Monday, 14 August 2017

Viking Scotland I

When writing historical novels with Vikings as central characters there is much scope for where to place a story. I like to place them in the north-west Highlands because I have enjoyed so many holidays there. Vikings settled in the northern and western isles and along the coastline of Scotland from Caithness to Argyle during the early part of the ninth century. By the middle of that century a Viking kingdom had been set up.
I soon found that research in this area is sketchy and conclusions were hard to come by. For example, Laithlinn was the Viking name for Scotland. Laithlinn is also written as Lothlend, Laithlind and later Lochlainn, and not all scholars believe the name refers to Scotland. Information in the Irish Annals, the Icelandic Sagas and Norse histories of South West Norway often contradict each other. Old languages present further problems and to add to the confusion, writing itself was not the precise thing it is today. Spelling of names was inconsistent and punctuation often absent. There are also all the problems of who is writing, who paid him to do so and how one-sided was the view put forward. In all of history it is usually the victor who dictates the story.

Scholars continue to argue about terms such as Dane, Norseman and Viking, who they were and where they came from, but proof is sadly lacking. Viking itself isn’t really a name, but a verb; to go “a-viking” was to travel by ship in search of adventure and reward. It is easy to see how the term became a description of a shipload of hungry men waving axes.
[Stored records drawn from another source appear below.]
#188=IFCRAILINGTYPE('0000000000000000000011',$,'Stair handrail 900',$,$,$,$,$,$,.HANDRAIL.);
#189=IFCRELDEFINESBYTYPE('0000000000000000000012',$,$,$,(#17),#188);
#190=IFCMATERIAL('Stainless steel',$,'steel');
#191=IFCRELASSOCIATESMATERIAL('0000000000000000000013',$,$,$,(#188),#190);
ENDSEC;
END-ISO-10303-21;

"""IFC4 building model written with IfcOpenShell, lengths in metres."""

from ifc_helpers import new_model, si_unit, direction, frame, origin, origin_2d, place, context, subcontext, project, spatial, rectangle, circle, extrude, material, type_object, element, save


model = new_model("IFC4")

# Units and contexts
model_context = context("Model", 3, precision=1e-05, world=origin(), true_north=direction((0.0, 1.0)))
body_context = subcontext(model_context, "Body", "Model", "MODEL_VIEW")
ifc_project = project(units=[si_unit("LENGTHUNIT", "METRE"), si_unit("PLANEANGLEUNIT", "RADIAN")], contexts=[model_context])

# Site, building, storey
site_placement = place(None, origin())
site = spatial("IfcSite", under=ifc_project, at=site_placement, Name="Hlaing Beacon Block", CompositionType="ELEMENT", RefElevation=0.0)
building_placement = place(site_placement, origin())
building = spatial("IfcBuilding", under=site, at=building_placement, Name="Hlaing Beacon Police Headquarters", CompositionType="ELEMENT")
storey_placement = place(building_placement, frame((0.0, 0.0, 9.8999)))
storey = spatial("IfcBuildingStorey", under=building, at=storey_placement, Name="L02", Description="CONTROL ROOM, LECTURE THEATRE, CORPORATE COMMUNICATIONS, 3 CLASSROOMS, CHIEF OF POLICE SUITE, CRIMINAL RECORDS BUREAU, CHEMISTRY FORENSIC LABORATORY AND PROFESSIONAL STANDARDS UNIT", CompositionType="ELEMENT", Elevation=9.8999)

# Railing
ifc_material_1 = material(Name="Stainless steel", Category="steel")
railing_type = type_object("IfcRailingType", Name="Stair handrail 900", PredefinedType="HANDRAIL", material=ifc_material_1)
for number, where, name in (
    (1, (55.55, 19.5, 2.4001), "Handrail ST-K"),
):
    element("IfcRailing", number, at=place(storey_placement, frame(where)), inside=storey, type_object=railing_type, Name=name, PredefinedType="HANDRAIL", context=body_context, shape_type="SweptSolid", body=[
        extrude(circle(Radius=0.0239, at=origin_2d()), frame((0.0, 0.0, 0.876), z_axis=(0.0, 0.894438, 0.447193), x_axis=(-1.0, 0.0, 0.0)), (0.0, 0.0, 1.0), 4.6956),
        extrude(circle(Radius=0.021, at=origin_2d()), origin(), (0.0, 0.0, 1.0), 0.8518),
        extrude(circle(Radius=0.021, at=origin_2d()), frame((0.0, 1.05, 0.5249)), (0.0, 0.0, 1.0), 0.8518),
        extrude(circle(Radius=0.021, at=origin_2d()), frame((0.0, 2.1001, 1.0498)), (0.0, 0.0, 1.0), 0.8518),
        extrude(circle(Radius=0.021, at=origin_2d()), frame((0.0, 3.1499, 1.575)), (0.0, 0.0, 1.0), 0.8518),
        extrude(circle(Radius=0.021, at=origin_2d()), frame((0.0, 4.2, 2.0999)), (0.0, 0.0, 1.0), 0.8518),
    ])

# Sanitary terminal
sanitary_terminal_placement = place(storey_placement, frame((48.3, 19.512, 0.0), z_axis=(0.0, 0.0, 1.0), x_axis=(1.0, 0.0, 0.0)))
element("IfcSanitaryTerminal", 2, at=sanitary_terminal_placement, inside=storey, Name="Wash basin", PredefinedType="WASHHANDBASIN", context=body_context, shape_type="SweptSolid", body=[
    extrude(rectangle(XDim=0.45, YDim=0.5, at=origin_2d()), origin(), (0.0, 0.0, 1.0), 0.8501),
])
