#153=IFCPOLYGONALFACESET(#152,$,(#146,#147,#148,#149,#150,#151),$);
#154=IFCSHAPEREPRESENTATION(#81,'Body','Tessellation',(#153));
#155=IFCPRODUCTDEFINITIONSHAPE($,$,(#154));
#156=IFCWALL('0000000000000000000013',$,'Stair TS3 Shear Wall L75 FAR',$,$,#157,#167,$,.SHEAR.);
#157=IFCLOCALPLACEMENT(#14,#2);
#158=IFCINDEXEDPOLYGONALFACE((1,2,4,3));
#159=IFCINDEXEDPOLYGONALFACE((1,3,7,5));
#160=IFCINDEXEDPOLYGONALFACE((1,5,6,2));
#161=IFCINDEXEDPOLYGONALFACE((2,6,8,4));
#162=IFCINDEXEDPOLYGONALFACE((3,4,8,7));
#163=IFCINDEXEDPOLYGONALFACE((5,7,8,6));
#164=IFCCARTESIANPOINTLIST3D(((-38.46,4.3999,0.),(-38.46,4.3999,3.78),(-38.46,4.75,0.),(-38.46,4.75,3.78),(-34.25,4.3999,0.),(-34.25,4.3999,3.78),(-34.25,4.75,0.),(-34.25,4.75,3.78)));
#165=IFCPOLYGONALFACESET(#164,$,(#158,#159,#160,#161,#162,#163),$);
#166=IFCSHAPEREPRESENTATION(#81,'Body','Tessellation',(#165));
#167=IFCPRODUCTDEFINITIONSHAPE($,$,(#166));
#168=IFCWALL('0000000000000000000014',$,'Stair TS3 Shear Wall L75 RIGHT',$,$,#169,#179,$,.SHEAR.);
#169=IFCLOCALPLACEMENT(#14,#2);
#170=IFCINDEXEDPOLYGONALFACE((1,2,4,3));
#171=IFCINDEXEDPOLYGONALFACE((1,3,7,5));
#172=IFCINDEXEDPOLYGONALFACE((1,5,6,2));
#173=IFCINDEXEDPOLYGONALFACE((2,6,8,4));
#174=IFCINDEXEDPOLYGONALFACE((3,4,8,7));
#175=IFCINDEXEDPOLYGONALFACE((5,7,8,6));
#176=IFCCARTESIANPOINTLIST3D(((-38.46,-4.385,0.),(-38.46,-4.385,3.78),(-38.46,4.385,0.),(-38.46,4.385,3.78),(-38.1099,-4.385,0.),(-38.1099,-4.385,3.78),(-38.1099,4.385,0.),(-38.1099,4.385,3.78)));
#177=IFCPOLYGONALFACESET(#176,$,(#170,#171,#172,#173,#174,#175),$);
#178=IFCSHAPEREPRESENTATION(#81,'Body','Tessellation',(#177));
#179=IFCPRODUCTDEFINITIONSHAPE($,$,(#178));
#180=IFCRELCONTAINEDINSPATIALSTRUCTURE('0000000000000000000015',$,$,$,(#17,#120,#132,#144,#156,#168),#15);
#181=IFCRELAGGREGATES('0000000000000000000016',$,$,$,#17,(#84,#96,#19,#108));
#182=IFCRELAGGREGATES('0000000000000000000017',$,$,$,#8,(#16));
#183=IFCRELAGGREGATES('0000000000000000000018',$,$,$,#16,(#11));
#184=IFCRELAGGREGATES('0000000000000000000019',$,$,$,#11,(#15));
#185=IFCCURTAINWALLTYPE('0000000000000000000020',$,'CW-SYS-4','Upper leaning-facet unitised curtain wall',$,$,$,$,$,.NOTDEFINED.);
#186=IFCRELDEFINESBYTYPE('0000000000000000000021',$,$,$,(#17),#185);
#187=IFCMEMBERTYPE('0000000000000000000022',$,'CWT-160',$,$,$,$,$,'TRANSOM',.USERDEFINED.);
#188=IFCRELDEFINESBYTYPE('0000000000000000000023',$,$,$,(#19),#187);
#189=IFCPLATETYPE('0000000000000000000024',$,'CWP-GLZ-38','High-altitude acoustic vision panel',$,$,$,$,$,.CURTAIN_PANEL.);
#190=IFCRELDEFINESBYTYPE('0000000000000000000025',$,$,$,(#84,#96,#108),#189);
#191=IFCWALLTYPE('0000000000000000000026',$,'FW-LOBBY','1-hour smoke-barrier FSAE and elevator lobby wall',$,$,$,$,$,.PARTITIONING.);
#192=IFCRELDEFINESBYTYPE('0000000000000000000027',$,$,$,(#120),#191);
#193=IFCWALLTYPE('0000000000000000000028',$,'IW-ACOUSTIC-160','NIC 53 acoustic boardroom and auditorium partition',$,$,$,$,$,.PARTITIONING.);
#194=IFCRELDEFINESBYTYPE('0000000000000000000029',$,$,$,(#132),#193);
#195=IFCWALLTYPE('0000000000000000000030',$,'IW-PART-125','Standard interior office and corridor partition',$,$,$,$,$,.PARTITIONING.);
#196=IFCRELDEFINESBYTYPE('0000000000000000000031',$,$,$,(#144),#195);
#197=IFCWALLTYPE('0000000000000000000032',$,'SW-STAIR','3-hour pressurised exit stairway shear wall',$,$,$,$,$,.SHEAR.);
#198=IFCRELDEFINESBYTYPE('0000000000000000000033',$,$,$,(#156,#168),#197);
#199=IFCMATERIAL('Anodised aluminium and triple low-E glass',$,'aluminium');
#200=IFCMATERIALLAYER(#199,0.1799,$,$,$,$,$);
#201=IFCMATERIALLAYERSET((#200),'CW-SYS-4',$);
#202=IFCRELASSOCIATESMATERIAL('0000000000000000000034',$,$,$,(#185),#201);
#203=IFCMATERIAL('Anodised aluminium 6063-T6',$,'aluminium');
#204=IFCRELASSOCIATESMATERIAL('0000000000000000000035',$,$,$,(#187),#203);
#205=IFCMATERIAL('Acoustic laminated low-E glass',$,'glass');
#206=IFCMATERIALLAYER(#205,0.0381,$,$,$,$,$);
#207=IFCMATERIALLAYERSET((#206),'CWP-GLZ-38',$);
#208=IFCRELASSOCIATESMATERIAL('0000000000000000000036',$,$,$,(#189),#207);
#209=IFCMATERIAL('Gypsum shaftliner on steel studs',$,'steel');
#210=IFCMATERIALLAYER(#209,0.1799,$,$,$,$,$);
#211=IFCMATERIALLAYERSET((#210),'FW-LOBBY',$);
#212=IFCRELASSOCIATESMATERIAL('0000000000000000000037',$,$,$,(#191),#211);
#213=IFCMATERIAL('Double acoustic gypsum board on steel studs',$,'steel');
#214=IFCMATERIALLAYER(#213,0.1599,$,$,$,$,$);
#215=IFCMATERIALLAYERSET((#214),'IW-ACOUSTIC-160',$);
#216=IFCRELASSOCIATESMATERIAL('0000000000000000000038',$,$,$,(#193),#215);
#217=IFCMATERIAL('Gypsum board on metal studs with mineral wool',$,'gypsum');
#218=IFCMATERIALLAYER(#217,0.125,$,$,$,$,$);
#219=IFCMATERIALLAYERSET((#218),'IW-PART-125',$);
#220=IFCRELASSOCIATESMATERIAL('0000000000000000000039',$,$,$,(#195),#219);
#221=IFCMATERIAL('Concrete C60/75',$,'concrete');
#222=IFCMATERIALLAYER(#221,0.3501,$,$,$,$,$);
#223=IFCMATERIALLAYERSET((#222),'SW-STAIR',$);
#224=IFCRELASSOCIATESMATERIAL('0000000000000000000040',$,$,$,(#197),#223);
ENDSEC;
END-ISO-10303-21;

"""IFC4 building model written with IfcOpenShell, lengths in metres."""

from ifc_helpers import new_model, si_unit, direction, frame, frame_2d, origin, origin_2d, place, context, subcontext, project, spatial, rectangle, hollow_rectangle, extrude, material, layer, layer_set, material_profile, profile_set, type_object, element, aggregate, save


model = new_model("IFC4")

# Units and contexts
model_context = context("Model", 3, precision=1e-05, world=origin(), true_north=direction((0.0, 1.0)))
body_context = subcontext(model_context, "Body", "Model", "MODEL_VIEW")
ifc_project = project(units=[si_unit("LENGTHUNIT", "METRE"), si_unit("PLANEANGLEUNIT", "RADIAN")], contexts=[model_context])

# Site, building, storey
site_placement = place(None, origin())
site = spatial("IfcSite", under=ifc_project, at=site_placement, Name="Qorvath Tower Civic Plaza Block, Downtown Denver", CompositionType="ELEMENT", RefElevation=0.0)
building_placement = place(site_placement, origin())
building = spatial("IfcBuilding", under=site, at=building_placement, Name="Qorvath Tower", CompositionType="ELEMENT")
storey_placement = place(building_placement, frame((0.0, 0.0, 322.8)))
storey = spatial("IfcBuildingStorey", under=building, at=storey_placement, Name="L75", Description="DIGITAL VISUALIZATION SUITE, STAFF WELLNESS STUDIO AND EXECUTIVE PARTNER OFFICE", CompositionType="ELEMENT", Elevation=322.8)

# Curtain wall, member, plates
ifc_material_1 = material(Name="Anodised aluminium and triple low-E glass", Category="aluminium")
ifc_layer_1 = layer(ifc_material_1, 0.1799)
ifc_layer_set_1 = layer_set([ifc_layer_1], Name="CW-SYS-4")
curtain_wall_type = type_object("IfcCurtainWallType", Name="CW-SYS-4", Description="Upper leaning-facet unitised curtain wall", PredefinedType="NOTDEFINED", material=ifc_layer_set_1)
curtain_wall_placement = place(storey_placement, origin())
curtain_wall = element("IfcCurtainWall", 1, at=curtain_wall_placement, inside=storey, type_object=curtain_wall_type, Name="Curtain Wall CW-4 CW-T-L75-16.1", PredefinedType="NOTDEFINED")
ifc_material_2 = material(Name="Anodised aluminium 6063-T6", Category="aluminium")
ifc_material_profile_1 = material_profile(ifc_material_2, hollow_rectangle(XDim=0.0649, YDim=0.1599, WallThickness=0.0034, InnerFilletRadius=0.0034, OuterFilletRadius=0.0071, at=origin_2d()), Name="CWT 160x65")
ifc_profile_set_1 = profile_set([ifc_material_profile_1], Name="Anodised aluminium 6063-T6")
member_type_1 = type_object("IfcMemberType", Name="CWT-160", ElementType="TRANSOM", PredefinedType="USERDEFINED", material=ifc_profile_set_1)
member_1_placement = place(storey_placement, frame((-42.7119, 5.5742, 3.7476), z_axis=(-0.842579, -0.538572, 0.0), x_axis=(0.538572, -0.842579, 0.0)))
The first systems of writing developed and used by the Germanic peoples were runic alphabets and the runes that were carved in stone still exist. Paper evidence of the period is almost none existent. When Edward I invaded in 1296 he ordered all the symbols of Scots nationhood removed to London. A treaty provided for the return of the records but they remained in London until 1948. Only about 200 documents remained.

The archives had an unlucky life. The records that built up after Edward’s time remained safe in the Castle until its capture by Cromwell's army in December 1650, when they were removed to Stirling Castle. When Stirling fell in 1651, the records were carried off by the garrison, or sent to London. Some were returned in 1657, other were sent back in 1660, but the 'Elizabeth', one of the two ships carrying the archives, sank in a storm off the Northumbrian coast.

The surviving records were deposited again in Edinburgh Castle then transferred in 1662 to the Laigh Hall on the Royal Mile. Damaged by damp and vermin, the great fire of 1700 saw them removed to St Giles Church. Eventually they were given a safe and permanent home, but early records pre 1296 are almost non-existent. The King lists survive, but little else.